# What size mice?



## new2gu (Jun 21, 2010)

I am not sure if i should just feed my tegu kitty pinkies or mice. Right now i am feeding her pinkies (not alone though). She is 13". What size mice should i give her, or should i just stick to pinkies for now?


----------



## tora (Jun 21, 2010)

Well the bigger mice are better, since the bones are more developed and they're not just bean sized blobs of fat. 
Don't feed him anything bigger than his head, though, tegu's aren't snakes!


----------



## Herplings (Jun 21, 2010)

I would make the switch now to Rat Pups. They are in my opinion a bit better then mice and that is what the Tegu will eat into adult hood.

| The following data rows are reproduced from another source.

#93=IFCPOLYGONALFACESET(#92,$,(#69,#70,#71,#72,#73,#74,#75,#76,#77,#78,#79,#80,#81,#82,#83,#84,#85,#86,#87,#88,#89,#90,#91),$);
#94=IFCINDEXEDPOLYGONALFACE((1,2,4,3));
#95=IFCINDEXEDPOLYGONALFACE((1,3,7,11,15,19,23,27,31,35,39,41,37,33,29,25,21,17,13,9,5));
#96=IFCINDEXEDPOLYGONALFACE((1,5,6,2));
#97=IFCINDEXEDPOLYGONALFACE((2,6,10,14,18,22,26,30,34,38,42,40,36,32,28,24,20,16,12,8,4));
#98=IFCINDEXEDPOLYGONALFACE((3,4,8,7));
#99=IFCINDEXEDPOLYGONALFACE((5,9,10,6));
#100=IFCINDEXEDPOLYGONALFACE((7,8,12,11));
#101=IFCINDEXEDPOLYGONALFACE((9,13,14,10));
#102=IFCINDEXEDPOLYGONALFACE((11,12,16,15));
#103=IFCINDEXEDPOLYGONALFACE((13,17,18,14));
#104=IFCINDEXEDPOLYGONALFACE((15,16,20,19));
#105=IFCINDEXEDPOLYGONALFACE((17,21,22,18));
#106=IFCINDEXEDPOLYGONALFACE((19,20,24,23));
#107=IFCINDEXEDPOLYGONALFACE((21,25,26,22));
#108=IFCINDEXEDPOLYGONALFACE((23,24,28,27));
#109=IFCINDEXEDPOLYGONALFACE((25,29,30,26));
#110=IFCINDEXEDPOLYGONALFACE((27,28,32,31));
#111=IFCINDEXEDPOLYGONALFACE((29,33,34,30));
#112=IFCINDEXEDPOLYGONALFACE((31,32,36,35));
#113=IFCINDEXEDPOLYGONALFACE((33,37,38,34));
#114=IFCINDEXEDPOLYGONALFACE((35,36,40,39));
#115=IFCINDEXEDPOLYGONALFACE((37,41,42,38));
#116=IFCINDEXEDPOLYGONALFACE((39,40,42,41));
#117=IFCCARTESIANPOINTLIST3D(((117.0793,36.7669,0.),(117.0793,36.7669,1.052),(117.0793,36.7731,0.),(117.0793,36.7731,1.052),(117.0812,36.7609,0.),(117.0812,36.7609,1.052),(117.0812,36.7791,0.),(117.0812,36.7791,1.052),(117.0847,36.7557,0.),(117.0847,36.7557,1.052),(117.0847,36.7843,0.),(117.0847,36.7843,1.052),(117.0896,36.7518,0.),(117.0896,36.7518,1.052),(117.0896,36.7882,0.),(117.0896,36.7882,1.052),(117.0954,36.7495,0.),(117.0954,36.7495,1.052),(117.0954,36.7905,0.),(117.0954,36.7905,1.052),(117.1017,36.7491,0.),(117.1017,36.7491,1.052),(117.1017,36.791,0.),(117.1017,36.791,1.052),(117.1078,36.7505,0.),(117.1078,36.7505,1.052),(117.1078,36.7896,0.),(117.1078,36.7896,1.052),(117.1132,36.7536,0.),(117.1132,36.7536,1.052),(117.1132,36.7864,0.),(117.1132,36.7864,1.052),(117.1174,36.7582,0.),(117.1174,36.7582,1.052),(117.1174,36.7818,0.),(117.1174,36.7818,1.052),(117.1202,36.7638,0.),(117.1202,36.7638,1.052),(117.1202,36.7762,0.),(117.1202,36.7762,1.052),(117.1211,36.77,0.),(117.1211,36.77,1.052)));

That is if the Tegu is large enough to eat Rat Pups. At 13 inches I think you should be fine.


----------



## new2gu (Jun 21, 2010)

ok thanks for the replies! where can i get rat pups for a good price online? our local reptile store doesnt carry them.


----------



## Herplings (Jun 21, 2010)

You can try rodent pro.com

They sell them in bags of 50. The shipping is kind of high though.

If it ends up being to much and your local pet store carries the next size up in mice maybe that will be a good next step.


----------



## Toby_H (Jun 22, 2010)

As suggested above, feeding adult prey items holds benefits over feeding infant prey items. Thus I would disagree with the suggestion to switch to rat pups. Adult prey items have much more developed organs and bones, both of which are very beneficial to your Tegu. 

I buy hairless mice through AmericanRodent.com Hairless removes any concern of impactation and it's also easier to keep hairless animals clean making them into cleaner prey. 

At 13" though you may want to stick with pinky mice or hopper mice. I am not a fan of feeding Tegus (or other animals) the largest prey items it can possibly eat, but as there are advantages to feeding mature prey items I think it is wise to increase prey item size as practical.


----------



## themedic (Jun 22, 2010)

you would be suprised how big a mouse/rat a tegu can eat, if its devouring pinkies try hoppers, if it eats hoppers fine, try adult mice, then move your way up to small rats ect as your GU gets bigger.


----------